The spells known is exactly like sorceror. The spells castable per day is close to sorceror, but weaker. 0 levels start at 4, then 5,5, and 6 at 4th.  the 1st-7th levels start at 2 when the sorceror would start getting spells/day for that level, and go 2,3,4,5,5,6.  9th level is 2,3,4,5,6.  9th level is 2,3,5 (the only one not to get to 6).  Levels 0-8 all cap out at 6 per day max.  But hey, you get bonus feats, and not restricted to the wizard feat list.

All generics can take Sneak Attack for 2d6 as a feat if they have 4 ranks in Hide and Move Silently.  There are two better versions(+3d6 doe 5d6 total, and +4d6 for 9d6 total), that require correspondinly higher skill ranks in the two skills.(11, then 18)
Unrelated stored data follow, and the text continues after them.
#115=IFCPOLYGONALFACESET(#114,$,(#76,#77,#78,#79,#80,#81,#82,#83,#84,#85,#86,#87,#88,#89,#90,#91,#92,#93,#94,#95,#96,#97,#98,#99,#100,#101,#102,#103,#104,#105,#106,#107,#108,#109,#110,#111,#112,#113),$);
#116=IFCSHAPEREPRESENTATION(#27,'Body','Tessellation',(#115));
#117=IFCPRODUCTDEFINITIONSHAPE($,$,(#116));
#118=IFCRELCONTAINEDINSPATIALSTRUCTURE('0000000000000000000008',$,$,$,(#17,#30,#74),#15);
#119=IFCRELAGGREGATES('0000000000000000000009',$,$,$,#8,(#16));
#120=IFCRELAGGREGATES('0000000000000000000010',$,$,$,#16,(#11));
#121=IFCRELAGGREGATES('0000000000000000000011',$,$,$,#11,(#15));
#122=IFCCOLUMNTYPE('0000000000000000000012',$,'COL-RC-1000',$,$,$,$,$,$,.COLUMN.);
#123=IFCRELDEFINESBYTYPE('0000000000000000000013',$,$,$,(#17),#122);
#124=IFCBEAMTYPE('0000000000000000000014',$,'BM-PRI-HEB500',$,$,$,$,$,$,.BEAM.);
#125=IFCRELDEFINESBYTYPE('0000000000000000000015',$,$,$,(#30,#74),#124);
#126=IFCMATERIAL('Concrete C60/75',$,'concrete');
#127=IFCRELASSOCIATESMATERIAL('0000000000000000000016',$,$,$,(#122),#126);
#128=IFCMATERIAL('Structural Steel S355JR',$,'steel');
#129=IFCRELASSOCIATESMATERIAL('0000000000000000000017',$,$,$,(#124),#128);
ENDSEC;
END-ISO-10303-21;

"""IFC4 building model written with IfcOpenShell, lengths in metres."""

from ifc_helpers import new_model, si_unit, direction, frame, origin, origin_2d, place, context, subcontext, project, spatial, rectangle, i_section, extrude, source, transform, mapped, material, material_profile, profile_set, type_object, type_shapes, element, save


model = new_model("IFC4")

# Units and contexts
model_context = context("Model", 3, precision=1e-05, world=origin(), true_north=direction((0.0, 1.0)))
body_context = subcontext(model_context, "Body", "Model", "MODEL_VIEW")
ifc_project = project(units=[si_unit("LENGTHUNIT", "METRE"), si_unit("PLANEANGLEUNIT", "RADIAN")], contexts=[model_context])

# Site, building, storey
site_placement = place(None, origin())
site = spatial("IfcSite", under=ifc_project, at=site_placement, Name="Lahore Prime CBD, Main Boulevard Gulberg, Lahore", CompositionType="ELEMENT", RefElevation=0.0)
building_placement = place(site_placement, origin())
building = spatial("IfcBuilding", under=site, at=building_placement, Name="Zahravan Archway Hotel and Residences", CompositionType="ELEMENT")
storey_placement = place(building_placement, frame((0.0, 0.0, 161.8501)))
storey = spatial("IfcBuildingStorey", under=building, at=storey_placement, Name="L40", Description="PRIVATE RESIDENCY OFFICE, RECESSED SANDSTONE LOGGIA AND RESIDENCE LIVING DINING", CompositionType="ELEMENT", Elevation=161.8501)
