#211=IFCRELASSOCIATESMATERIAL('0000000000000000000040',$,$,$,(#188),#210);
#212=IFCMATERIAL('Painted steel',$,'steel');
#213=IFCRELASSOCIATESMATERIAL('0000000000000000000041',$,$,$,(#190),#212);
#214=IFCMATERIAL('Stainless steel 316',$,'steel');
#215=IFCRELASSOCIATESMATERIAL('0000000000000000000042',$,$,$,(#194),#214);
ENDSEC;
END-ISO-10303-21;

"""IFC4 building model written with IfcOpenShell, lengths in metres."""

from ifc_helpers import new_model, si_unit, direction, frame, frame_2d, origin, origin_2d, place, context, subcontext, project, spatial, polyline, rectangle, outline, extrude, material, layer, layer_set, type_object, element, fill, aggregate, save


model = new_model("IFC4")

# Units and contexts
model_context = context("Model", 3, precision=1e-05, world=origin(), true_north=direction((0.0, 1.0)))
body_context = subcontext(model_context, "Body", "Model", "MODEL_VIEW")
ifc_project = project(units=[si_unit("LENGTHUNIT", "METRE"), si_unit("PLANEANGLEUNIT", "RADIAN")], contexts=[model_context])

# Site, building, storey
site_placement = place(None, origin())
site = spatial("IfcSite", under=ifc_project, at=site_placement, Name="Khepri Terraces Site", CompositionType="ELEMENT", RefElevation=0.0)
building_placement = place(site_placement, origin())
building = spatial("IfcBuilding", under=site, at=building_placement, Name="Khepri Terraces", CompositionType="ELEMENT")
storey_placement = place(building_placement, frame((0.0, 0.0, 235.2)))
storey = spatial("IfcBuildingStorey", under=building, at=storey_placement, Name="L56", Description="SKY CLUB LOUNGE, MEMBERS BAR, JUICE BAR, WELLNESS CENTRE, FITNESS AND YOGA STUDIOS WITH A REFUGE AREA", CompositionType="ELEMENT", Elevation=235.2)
For what it is worth, the class abilities as feats include: evasion (and improved evasion), familiar, favored enemy, 3 levels of sneak attack, smite evil, turn undead, trap sense (which includes trapfinding within the same feat too), uncanny dodge (includes improved uncanny dodge within the same feat too), and wild empathy. For the rest, you have to make them up yourself.
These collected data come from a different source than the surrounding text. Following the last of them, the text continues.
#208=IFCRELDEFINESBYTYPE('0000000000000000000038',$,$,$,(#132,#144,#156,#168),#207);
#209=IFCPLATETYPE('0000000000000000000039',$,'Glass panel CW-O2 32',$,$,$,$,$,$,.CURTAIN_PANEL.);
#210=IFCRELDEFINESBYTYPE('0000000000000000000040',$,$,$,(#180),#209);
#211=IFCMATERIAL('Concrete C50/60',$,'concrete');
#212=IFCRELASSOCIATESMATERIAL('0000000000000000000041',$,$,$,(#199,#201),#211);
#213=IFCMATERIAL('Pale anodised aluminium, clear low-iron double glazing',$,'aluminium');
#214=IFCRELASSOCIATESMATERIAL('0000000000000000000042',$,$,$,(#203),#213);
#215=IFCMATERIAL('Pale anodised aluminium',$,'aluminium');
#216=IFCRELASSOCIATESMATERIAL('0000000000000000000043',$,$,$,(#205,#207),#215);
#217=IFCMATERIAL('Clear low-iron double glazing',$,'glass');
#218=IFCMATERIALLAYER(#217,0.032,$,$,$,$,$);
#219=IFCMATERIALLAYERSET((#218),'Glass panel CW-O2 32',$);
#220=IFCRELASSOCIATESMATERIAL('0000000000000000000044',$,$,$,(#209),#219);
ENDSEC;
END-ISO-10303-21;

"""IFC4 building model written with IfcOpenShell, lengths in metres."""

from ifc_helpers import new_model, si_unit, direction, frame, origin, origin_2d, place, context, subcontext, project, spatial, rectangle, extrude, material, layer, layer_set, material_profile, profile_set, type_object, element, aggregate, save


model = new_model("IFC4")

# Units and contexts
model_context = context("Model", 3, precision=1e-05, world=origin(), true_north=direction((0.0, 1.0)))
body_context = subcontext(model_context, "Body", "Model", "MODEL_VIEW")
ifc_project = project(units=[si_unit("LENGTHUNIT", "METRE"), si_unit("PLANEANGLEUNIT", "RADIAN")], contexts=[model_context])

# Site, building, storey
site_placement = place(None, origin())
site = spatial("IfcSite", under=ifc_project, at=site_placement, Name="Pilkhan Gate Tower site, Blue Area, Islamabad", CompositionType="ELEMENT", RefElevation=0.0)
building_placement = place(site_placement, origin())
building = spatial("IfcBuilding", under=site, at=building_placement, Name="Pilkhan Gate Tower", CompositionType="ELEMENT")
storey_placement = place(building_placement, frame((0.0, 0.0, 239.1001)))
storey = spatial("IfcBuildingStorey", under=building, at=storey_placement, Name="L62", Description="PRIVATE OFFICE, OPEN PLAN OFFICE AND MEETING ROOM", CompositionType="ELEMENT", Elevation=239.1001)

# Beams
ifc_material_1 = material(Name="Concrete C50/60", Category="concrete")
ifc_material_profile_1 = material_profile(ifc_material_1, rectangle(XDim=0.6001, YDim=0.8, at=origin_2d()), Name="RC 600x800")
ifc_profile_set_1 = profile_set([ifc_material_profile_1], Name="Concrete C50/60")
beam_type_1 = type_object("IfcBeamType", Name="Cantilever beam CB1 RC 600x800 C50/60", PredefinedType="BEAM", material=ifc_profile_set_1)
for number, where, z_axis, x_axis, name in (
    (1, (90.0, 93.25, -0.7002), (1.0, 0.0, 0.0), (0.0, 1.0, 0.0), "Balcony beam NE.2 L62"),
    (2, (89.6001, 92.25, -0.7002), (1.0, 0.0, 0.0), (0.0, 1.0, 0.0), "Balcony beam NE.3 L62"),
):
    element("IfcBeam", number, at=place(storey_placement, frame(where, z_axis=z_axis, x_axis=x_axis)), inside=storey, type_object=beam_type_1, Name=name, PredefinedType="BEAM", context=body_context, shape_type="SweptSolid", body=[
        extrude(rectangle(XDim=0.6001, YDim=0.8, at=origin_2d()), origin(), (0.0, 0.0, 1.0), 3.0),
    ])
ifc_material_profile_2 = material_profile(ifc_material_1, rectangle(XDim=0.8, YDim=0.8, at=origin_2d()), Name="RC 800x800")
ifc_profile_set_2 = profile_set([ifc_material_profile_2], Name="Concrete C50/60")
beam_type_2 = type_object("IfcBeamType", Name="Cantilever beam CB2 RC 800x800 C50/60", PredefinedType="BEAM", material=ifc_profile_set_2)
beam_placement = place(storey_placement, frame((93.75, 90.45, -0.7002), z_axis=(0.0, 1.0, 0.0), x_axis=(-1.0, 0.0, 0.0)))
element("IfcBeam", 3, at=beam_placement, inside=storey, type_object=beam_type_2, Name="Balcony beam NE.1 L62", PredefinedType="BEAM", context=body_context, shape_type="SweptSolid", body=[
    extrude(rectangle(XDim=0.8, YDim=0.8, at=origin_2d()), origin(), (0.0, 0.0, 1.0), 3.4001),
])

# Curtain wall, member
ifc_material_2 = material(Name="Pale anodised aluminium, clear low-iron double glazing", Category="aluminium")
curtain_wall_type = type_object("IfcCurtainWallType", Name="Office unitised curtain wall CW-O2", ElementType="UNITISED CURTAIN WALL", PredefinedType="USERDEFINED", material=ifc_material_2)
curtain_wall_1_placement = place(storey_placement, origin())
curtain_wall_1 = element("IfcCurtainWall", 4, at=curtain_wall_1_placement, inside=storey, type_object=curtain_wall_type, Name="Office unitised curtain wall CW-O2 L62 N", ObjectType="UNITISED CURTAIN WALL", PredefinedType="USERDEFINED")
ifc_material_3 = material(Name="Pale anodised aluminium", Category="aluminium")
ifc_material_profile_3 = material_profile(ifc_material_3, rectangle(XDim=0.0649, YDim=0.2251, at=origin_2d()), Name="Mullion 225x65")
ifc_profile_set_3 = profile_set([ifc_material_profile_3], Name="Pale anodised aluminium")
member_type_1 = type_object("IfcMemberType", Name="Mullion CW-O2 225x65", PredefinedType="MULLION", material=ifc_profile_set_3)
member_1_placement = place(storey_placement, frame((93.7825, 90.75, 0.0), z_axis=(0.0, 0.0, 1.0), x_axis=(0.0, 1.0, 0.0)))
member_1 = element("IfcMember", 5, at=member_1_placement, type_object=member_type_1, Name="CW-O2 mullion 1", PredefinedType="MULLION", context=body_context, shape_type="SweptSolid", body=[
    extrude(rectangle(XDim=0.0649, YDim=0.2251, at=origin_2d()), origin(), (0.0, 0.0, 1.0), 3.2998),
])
Ranger Prc needs: Endurance, Track, and eithe rRapid Shot or TWF.  Can cast calm animals as a divine spell.  Bab+4, Knowledge nature 2 ranks, survival 4 ranks.


----------



## ArcOfCorinth (Feb 17, 2004)

Thanks!


----------



## Fingers Boggis (Feb 17, 2004)

is it me or aree these generic classes starting to look better and better as we find out more

Fingers


----------



## d4 (Feb 17, 2004)

woodelf said:
			
		

> Well, the question i'm trying to get at is, if there *were* a game that was already what you wanted [had all the bits of D&D3E you like, none of those you didn't, and all those changes you'd incorporate if you got to run the show], would you still prefer to modify D20 System to match that vision (even assuming it was as easy as picking which options out of a published rulebook you'd use), rather than switch and play that other game?



well, correct -- if there _were_ a system like that, that's what i would want to play. currently, however, the system i want is d20 (or a modified version of d20).



> _Just that, it seems to me that if the end result you want is, say, 90% like game A, and 10% like game B, starting with game A would make more sense than starting with game B.  The relevance of this semi-obvious statement is that, with the options presented in Unearthed Arcana, i suspect i could alter D&D (game "B", in this case) until the above was true, for several different game "A"s out there, but i'm not sure i see the point--that is, if it really ended up like that, why not just pick up game "A" and play it?_



well, theoretically speaking, it could be because the 10% of game A you are missing by doing it this way is the 10% you dislike the most, and by starting from game A, it may also be the 10% that's hardest to get rid of.

i don't know -- this is all theoretical supposition.

another factor could be that old Ryan Dancey chestnut "network externalities." i'm sure i could use UA to make d20 into nearly a GURPS clone -- and _still_ be able to get more people interested in playing it than in playing GURPS. _that_ has nothing to do with the quality or content of the rules and all to do with people's attitudes and reactions to different name brands.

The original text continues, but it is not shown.